Thursday, May 15, 2014

Question in Pakistan Supreme Court: where can soldiers be tried?

Justice Jawwad S. Khawaja
A crisis is brewing in Pakistan over whether soldiers may be tried in civil courts -- and whether the civil courts have any say in the matter. The case arises from the removal of 35 undeclared prisoners from a detention center in Malakand. (If the place name rings a bell, it may be because it figures in Winston Churchill's The Story of the Malakand Field Force: An Episode of Frontier War (1898).) According to this courtroom account in the Express Tribune:
The bench, headed by Justice Jawwad S. Khawaja, also asked the officials as to what should be the appropriate forum for such trial – if a criminal case could be registered against serving army officials. It also enquired whether further proceedings would be initiated in civil or military court.
During the hearing, [Khyber Pakhtunkwa]’s AG Latif Yousafzai informed the bench about the provincial administration’s decision to close the case against some army officials – including Naib Subedar Amanullah Baig.
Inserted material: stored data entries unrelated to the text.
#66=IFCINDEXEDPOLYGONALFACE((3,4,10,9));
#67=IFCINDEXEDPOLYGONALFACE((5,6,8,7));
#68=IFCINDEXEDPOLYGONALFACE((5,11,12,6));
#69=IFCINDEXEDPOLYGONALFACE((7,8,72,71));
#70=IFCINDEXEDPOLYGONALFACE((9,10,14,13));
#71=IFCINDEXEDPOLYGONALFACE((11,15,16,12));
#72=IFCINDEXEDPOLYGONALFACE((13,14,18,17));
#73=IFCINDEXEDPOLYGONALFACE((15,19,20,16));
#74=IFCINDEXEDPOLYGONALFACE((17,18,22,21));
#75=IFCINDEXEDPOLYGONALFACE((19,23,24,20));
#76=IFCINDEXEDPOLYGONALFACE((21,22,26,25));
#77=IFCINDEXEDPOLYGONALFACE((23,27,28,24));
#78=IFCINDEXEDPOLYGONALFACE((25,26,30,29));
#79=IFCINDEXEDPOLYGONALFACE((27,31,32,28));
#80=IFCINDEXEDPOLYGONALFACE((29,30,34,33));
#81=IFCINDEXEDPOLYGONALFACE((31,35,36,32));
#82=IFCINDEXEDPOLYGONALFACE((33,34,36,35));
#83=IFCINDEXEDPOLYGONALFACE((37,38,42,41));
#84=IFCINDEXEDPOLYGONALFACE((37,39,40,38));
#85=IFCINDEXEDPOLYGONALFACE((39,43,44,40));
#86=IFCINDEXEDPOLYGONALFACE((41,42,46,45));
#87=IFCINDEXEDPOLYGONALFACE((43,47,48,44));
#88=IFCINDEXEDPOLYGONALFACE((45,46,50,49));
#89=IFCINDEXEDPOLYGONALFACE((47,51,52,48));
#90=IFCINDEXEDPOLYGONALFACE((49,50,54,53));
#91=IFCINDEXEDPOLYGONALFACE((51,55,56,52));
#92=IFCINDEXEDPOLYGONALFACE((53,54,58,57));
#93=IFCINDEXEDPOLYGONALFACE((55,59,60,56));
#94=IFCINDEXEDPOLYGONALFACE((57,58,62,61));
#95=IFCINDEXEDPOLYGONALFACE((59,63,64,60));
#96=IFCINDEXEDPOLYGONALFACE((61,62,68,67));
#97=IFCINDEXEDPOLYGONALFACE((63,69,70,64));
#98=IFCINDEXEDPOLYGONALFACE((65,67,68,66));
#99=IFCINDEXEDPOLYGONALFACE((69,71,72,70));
He said the case had been shifted to the army authorities for further investigation and any subsequent trial under the Pakistan Army Act 1952.  Citing reasons for closing the case, the AG said the matter fell under the concurrent jurisdiction and therefore the case was shifted to the military for further proceedings.
The bench, however, pointed out that the district coordination officer Malakand had stated that he transferred the case on the orders of the high-ups.
“The court will examine the matter about shifting of the case to a military court in the light of the Constitution and other legal provisions,” observed Justice Khawaja.
He said the Constitution gives supremacy to civilian courts. “However, if military authorities believe it is at their discretion to transfer a case from a civil court than the top court will examine the matter,” he added.
He said a similar question was raised in the case of a missing person Tasif Ali and Advocate Ibrahim Satti, appearing on behalf of the Military Intelligence (MI), had said that an FIR [First Information Report] could not be registered against serving army officials under Army Act 1952.
Interestingly, a former AGP, Muneer A Malik, had admitted that an FIR could be registered against any serving military official. However, in reply to a query of the bench, Deputy Attorney General (DAG) Waqas Dar on Wednesday said an FIR could not be registered against military officials.
Justice Khawaja reminded him that an FIR had also been registered. “Now the question is as to whether the tr[ia]l [of military personnel] can be initiated in a civil court or not,” he said, adding that although the issue could not be settled since 1856 the court was resolute now to decide it. The hearing will resume today (Thursday).